Konferensi Perubahan Iklim Perserikatan Bangsa-Bangsa (COP) telah lama melampaui wacana lingkungan murni, berevolusi menjadi arena pertarungan geo-ekonomi yang menentukan alokasi sumber daya, pengaruh, dan kedaulatan ekonomi nasional. Dalam lanskap geopolitik pasca-COP ini, Indonesia menghadapi dilema strategis yang akut. Sebagai steward ekosistem strategis global—hutan tropis dan mangrove terbesar dunia—Indonesia memegang kartu politik dan moral yang kuat. Namun, posisi ini berbenturan dengan realitas ekonomi domestik yang masih sangat bergantung pada industri ekstraktif seperti batu bara dan minyak sawit. Tekanan internasional untuk mempercepat transisi hijau, menahan laju deforestasi, dan meningkatkan ambisi NDC (Nationally Determined Contributions) bukan semata soal lingkungan, melainkan sebuah ujian bagi posisi dan kedaulatan Indonesia dalam membentuk atau sekadar bereaksi terhadap tatanan geo-ekonomi hijau yang sedang disusun.
Dinamika Aktor dan Alat Kebijakan dalam Perebutan Pengaruh Global
Tekanan terhadap Indonesia bersifat multidimensi, didorong oleh aktor-aktor dengan kepentingan dan instrumen kebijakan yang beragam. Blok Uni Eropa, melalui Carbon Border Adjustment Mechanism (CBAM), memperkenalkan alat proteksionisme baru yang mendasarkan tarif pada jejak karbon. Kebijakan ini berpotensi mengisolasi ekspor Indonesia yang berbasis sumber daya, sekaligus menjadi alat pengaruh untuk memaksa konvergensi kebijakan domestik dengan standar rendah karbon yang ditetapkan Brussels. Di sisi lain, Tiongkok menghadirkan dinamika yang kompleks: sebagai pasar utama batu bara Indonesia, permintaannya menopang industri energi dalam negeri, namun komitmen netralitas karbonnya sendiri serta transformasi rantai pasok global menciptakan tekanan jangka panjang untuk diversifikasi dan penghijauan ekspor Indonesia. Sementara itu, mekanisme pendanaan seperti Just Energy Transition Partnership (JETP) yang ditawarkan negara-negara maju, meski memberikan akses modal, kerap disertai dengan persyaratan teknis dan kontrol tata kelola yang mengundang pertanyaan mendasar tentang kedaulatan kebijakan energi dan pengelolaan sumber daya domestik.

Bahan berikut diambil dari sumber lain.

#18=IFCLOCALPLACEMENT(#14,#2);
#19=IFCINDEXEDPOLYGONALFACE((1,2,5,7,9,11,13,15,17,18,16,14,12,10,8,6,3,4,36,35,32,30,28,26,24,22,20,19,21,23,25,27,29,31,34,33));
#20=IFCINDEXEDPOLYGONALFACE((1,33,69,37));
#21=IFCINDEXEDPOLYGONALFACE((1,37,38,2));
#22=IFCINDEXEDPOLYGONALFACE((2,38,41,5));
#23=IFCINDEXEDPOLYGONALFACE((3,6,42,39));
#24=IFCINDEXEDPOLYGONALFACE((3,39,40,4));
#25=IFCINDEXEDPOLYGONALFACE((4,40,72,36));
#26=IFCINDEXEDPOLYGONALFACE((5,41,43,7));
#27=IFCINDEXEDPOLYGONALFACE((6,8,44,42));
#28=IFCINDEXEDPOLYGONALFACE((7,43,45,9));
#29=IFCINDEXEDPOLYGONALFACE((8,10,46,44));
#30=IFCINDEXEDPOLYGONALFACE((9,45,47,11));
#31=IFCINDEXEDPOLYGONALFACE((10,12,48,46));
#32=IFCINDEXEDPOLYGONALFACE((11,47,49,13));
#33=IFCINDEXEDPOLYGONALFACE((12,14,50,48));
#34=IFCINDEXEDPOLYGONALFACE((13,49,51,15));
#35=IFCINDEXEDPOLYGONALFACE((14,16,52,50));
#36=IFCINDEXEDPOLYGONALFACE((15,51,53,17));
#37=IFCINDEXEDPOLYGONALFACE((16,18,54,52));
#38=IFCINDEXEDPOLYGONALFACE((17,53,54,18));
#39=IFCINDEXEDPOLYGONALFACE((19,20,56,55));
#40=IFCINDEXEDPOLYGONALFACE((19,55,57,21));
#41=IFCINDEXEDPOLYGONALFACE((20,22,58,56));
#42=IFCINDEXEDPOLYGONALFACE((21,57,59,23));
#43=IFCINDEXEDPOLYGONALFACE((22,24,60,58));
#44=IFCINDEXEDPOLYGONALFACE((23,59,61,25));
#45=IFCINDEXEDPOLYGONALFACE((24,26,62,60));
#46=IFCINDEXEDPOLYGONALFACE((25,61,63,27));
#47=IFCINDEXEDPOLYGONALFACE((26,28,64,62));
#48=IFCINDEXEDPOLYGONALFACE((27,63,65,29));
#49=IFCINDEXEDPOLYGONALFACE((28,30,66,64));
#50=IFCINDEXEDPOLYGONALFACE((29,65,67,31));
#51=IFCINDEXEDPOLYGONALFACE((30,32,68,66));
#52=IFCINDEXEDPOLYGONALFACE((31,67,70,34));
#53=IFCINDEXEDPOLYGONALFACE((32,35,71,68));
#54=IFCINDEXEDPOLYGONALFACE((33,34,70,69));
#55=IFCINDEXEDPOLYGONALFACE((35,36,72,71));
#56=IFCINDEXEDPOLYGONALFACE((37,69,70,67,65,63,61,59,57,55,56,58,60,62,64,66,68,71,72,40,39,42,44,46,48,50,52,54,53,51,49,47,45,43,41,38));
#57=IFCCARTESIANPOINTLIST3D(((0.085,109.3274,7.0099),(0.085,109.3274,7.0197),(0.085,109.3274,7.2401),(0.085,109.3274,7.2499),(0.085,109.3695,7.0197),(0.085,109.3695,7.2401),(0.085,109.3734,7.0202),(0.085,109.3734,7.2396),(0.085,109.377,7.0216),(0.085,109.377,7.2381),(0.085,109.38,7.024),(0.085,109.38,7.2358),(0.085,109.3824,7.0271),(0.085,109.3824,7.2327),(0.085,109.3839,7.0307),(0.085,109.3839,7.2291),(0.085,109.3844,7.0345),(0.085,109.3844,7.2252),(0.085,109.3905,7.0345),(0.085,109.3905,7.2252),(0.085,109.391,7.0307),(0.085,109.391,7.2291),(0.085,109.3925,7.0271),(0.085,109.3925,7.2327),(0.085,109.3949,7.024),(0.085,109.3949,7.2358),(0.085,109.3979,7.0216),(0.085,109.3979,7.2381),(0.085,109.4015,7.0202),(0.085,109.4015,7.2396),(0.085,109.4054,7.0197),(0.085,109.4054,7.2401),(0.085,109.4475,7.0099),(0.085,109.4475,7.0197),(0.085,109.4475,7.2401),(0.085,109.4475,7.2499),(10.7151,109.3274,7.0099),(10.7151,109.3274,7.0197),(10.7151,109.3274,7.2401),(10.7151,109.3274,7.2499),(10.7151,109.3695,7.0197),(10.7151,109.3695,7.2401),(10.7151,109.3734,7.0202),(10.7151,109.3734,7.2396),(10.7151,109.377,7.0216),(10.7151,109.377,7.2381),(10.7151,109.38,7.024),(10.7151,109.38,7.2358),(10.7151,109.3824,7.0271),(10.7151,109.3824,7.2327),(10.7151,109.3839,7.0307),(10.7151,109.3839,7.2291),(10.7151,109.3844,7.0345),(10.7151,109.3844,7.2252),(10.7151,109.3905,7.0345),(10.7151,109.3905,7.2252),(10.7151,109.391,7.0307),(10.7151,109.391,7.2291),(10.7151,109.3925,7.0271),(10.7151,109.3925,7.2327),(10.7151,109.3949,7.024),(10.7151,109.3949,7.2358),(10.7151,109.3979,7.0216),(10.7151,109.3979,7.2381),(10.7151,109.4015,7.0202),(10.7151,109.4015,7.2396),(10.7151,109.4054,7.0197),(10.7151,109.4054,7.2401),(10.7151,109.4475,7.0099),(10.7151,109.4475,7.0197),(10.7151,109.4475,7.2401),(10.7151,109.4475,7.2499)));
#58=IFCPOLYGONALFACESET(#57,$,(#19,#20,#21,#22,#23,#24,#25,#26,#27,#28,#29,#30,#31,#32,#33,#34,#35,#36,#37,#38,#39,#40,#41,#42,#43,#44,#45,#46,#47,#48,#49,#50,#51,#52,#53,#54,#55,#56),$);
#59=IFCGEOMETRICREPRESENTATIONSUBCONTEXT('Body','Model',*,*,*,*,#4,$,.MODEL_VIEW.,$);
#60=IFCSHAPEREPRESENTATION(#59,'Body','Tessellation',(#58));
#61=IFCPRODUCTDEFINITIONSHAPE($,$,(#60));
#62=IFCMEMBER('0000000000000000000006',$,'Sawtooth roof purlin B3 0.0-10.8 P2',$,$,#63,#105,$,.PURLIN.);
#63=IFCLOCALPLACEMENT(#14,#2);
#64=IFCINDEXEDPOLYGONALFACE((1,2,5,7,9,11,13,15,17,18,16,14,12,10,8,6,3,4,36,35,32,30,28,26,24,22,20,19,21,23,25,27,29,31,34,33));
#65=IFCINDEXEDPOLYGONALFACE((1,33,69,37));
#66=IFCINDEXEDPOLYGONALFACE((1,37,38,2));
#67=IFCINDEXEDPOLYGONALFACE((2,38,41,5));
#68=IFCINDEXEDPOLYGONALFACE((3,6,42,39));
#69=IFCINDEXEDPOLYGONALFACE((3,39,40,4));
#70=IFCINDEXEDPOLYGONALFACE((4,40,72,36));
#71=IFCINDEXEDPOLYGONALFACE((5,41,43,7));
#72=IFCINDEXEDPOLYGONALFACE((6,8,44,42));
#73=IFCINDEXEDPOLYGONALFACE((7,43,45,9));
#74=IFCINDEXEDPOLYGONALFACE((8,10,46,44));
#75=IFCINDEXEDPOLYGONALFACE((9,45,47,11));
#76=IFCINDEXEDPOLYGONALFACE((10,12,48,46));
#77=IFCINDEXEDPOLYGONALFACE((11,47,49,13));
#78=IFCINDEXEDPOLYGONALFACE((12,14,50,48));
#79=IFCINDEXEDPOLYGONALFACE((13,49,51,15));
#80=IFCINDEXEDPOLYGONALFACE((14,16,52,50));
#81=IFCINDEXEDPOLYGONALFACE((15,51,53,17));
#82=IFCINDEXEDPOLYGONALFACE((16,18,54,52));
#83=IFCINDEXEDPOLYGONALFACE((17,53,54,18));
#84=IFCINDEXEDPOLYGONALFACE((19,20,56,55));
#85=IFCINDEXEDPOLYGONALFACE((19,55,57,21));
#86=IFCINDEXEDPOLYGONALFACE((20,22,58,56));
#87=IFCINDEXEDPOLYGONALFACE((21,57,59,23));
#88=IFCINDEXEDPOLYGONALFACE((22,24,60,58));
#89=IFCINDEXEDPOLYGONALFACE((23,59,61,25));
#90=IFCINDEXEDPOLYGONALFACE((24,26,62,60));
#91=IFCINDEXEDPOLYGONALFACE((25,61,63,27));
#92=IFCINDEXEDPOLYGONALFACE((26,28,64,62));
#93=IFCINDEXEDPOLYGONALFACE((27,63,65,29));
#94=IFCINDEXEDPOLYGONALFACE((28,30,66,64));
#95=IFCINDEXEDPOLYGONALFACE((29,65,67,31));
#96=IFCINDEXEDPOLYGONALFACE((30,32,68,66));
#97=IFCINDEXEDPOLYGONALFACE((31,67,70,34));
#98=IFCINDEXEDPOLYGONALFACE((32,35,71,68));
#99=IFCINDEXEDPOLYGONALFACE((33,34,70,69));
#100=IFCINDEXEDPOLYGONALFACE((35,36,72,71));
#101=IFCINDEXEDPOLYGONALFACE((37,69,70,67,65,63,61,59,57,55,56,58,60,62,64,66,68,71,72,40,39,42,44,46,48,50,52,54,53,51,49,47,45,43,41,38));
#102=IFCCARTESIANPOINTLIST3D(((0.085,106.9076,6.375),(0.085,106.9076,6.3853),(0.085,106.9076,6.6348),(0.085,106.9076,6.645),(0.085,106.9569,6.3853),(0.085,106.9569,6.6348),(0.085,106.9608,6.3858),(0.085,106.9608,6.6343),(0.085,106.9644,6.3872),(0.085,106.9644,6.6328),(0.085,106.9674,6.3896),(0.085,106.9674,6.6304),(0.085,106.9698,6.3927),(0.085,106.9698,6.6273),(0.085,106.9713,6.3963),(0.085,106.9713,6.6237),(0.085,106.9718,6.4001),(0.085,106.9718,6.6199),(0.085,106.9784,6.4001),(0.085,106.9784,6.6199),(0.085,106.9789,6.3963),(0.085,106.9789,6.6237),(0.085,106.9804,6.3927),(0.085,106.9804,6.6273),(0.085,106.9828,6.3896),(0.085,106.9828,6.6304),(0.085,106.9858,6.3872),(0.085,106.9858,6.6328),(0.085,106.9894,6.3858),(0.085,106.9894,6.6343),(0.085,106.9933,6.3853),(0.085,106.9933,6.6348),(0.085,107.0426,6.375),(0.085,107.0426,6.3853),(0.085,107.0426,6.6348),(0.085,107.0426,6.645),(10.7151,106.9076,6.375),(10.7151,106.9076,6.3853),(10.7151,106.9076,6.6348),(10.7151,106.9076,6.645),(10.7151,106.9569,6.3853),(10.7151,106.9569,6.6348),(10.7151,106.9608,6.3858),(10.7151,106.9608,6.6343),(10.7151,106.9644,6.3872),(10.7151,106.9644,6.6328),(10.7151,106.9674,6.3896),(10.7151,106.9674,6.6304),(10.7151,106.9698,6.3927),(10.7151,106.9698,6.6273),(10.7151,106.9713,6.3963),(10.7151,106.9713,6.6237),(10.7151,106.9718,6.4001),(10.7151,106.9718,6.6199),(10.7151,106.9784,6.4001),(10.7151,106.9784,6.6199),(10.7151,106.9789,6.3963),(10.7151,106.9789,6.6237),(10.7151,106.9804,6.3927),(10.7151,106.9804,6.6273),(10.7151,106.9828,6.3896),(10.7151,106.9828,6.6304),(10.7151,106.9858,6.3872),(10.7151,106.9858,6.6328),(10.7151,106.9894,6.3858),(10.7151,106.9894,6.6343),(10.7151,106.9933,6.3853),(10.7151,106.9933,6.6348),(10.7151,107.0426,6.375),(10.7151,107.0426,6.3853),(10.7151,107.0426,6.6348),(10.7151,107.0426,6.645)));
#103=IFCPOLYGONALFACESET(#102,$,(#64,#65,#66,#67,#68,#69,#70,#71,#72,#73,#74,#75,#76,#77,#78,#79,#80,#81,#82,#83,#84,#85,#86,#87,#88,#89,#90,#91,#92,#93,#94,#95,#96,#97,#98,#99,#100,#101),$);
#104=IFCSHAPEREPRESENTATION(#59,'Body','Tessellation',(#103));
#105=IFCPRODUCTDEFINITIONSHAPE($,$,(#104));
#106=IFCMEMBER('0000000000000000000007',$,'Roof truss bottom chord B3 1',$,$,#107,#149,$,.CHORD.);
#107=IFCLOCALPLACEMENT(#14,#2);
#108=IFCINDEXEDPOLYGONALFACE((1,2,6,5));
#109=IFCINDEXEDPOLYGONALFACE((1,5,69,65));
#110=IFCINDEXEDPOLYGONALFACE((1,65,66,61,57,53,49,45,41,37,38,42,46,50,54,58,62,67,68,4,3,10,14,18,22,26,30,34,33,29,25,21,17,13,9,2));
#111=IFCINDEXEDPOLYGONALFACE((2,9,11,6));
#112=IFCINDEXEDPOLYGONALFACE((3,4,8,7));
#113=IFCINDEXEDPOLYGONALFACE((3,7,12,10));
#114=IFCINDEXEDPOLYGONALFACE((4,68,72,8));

Implikasi Strategis: Titik Balik antara Isolasi dan Kepemimpinan
Pilihan strategi transisi hijau Indonesia akan memiliki konsekuensi geopolitik jangka panjang yang menentukan. Kegagalan mengelola transisi ini—yang ditandai dengan ketidakmampuan memenuhi komitmen NDC, deforestasi berlanjut, atau stagnasi dalam diversifikasi ekonomi—berisiko mengakibatkan isolasi ekonomi progresif. Indonesia dapat terperangkap dalam posisi sebagai objek regulasi global seperti CBAM, dengan daya tawar yang melemah dalam percaturan politik dan ekonomi internasional. Sebaliknya, keberhasilan merumuskan dan mengimplementasikan transisi yang adil dan sesuai konteks nasional (just transition) dapat mengkonversi aset strategis ekologis menjadi kekuatan geopolitik nyata. Potensi kepemimpinan dalam ekonomi berbasis hayati (bio-economy), perdagangan karbon berbasis ekosistem alam, dan penyediaan solusi iklim berbasis alam (nature-based solutions) dapat memposisikan Indonesia sebagai norm entrepreneur dan arsitek pasar dalam tatanan hijau baru.
Implikasi terhadap keseimbangan kekuatan di kawasan Asia Tenggara dan Indo-Pasifik juga signifikan. Posisi Indonesia yang tangguh dalam transisi energi akan memperkuat ketahanan nasional dan mengurangi kerentanan terhadap fluktuasi pasar komoditas fosil global. Hal ini pada gilirannya meningkatkan otonomi strategis negara, membatasi ruang manuver bagi kekuatan besar yang ingin menggunakan isu energi sebagai alat pengaruh. Kemampuan Indonesia untuk menawarkan model pembangunan berkelanjutan yang kredibel juga dapat memperkuat kepemimpinan diplomatik di ASEAN dan forum internasional, menciptakan pusat gravitasi baru dalam isu iklim dan pembangunan berkelanjutan di Global South. Dengan kata lain, agenda perubahan iklim telah menjadi medan pertarungan baru untuk menentukan posisi negara dalam hierarki kekuatan global dan regional, di mana Indonesia memiliki modal strategis yang besar namun juga menghadapi tantangan struktural yang dalam.